Poste doch mal bitte den Screenshot, mit dem Tooltip, der 2 Ausgrabungen für das Item anzeigt...

das würde die Diskussion "Nur-einmal-oder-nicht" sicher beenden :-)


----------



## Metadron72 (15. August 2011)

gibts keine diskussion, rares kann man nur 1mal buddeln


----------



## astue (20. August 2011)

Metadron72 schrieb:


> gibts keine diskussion, rares kann man nur 1mal buddeln



wer bist Du? Irgendein Despot, der festlegt, über was diskutiert wird?

Wenn Yoshitomo behauptet, er hat Dinge doppelt ausgebuddelt, dann soll er es belegen.
Wenn Du behauptest, es geht nicht, dann belege es bitte auch.
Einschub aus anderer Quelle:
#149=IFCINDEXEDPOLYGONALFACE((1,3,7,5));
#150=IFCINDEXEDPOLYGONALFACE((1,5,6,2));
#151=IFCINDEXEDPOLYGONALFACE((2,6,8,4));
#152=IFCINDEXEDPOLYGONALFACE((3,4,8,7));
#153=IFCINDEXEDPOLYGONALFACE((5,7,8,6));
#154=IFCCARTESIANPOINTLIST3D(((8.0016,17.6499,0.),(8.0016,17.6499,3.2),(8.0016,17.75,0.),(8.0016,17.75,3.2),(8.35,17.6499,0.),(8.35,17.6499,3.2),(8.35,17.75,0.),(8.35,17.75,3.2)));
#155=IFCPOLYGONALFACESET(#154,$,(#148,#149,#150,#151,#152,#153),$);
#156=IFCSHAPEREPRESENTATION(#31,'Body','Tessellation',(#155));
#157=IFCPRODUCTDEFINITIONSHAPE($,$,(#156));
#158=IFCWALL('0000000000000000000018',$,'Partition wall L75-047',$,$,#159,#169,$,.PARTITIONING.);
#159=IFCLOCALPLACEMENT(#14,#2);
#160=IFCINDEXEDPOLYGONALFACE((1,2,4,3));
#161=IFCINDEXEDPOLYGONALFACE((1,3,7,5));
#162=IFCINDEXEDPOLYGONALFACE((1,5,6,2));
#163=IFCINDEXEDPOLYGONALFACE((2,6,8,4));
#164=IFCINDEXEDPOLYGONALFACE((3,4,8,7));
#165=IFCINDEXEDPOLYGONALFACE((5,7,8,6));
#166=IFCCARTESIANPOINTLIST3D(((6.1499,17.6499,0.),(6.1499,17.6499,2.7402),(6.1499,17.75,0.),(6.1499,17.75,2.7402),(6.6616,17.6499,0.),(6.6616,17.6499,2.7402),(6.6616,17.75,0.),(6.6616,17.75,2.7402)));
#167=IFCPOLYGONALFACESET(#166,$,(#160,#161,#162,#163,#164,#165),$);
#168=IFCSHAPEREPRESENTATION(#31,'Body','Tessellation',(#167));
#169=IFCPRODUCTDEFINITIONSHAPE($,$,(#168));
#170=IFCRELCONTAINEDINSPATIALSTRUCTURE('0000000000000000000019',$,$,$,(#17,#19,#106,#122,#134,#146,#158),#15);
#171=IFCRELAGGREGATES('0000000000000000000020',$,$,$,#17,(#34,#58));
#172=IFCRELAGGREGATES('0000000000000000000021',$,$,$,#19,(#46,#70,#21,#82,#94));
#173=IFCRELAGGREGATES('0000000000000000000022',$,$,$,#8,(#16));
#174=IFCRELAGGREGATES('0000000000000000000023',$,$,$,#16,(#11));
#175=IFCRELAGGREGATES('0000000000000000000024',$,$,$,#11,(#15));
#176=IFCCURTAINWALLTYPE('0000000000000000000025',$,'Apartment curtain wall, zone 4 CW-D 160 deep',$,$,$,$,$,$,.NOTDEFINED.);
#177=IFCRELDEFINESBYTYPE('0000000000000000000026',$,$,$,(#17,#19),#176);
Ein Benehmen haben manche Leute.... tststs


----------



## Metadron72 (22. August 2011)

astue schrieb:


> wer bist Du? Irgendein Despot, der festlegt, über was diskutiert wird?
> 
> Wenn Yoshitomo behauptet, er hat Dinge doppelt ausgebuddelt, dann soll er es belegen.
> Wenn Du behauptest, es geht nicht, dann belege es bitte auch.
> ...




.....


http://eu.battle.net...c/1776590876#14 beitrag 17, ich habe fertig (blue post und so)....kann ich dir sonst noch behilflich sein, lieber astue ?


----------